Efficacy and Safety of Topical Rapamycin in Patients With Facial Angiofibromas Secondary to Tuberous Sclerosis Complex: The TREATMENT Randomized Clinical Trial

Abstract

Importance: Facial angiofibromas occur in approximately 75% of individuals with tuberous sclerosis complex (TSC), causing substantial morbidity and disfigurement. Current therapies are partially effective, uncomfortable, produce scarring, and need repeating to treat recurrence.

Objective: To evaluate the efficacy and safety of topical rapamycin for TSC-related facial angiofibromas.

Design, setting, and participants: This prospective, multicenter, randomized, double-blind, vehicle-controlled trial with 6 monthly clinic visits enrolled 179 patients with TSC-related facial angiofibromas not treated within 6 months from May 2012 to March 2014 in 9 clinical sites in the United States and 1 in Australia.

Interventions: Patients were randomized (1:1:1) to topical formulation containing 0.3 g per 30 g (1%) rapamycin, 0.03 g per 30 g (0.1%) rapamycin, or vehicle alone. Participants applied 1.0 mL to designated areas daily at bedtime.

Main outcomes and measures: Angiofibroma Grading Scale (AGS) change from baseline scored from photographs by independent masked dermatologists. Safety analyses included adverse events (AEs) and serum rapamycin levels.

Results: All 179 patients randomized (99 [55.3%] female) comprised the primary analysis population (59 in the 1% rapamycin group, 63 in the 0.1% rapamycin group, and 57 in the vehicle-only group). The mean age was 20.5 years (range 3-61 years). Clinically meaningful and statistically significant improvement in facial angiofibromas was observed for both 1% and 0.1% rapamycin relative to the vehicle-only control group, and for 1% vs 0.1% rapamycin, with most of the improvement realized within the first month. At 6 months, AGS mean improvement for 1% rapamycin was 16.7 points compared with 11.0 for 0.1% rapamycin and 2.1 points for vehicle only (P < .001 for 1% and 0.1% vs vehicle only). Compared with baseline, end-of-treatment photos were rated "better" for 81.8% of patients in the 1% rapamycin group, compared with 65.5% for those in the 0.1% rapamycin group and 25.5% for those in the vehicle-only group (P < .001, all 3 pairwise comparisons). Topical rapamycin was generally well-tolerated, with no measurable systemic absorption. Apparent drug-related adverse effects were limited to 10% or less incidence of application site discomfort and/or pain, pruritus, erythema, and irritation. Nearly all AEs were mild, with no drug-related moderate, severe, or serious events.

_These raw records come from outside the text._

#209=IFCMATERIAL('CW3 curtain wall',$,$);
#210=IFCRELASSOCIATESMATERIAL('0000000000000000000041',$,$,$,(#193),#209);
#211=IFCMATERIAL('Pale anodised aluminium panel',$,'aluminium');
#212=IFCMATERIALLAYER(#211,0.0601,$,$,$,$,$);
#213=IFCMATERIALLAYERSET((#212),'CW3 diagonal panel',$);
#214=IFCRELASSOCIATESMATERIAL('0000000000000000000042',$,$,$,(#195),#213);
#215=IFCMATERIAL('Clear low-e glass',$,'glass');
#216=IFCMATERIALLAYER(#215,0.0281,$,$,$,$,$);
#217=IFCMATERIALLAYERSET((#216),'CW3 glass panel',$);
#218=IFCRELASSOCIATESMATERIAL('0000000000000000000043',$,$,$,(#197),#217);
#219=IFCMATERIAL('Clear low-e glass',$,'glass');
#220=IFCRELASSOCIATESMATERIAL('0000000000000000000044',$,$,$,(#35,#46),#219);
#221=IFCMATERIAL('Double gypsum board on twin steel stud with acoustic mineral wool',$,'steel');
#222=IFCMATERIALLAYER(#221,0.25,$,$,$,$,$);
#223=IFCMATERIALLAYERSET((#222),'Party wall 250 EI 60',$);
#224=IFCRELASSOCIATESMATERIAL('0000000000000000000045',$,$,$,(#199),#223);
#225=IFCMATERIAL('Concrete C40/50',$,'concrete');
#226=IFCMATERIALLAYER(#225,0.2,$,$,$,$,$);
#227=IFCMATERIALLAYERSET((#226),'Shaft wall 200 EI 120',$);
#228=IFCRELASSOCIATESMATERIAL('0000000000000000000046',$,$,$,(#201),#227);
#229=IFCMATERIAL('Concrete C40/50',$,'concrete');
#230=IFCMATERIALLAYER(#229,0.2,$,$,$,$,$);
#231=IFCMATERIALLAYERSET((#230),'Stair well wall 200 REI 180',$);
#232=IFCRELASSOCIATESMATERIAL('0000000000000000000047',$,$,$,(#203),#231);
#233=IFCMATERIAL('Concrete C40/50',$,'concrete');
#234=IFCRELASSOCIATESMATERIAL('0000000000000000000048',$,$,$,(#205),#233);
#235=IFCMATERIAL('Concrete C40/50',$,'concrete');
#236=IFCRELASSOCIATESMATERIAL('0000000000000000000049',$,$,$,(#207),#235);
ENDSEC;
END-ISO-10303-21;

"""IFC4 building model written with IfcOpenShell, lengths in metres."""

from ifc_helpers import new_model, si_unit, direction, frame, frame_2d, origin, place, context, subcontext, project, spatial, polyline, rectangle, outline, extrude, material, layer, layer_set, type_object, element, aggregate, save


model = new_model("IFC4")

Conclusions and relevance: Topical rapamycin appears effective and safe for treatment of TSC-related facial angiofibromas. In this trial, the preferred dose was 1% once daily. Future studies are needed to evaluate prophylactic, early, and long-term use of topical rapamycin, durability of response, and combination therapy with oral mammalian target of rapamycin (mTOR) inhibitors.

Trial registration: ClinicalTrials.gov Identifier: NCT01526356.

Figure 1.. The TREATMENT Trial CONSORT Diagram

AGS indicates angiofibroma grading scale; TSC, tuberous sclerosis complex. ^aApplication site rash, mild, probably related to study drug. ^bPhlebitis superficial, moderate, not related to study drug. ^cAll patients excluded on the basis of lacking either baseline or at least 1 postbaseline evaluable photograph.

Figure 2.. AGS Change From Baseline by Treatment Group

Restricted maximum likelihood-based repeated measures linear model. AGS indicates angiofibroma grading scale; LS, least square.

Figure 3.. Baseline to End-of-Study Paired Photographs Comparison

Cochran-Mantel-Haenszel test.

Figure 4.. Patient Photographs

Frontal photographs taken at baseline (A-C) and paired with end of trial photographs (D-F) for 3 patients in the 1% rapamycin treatment group.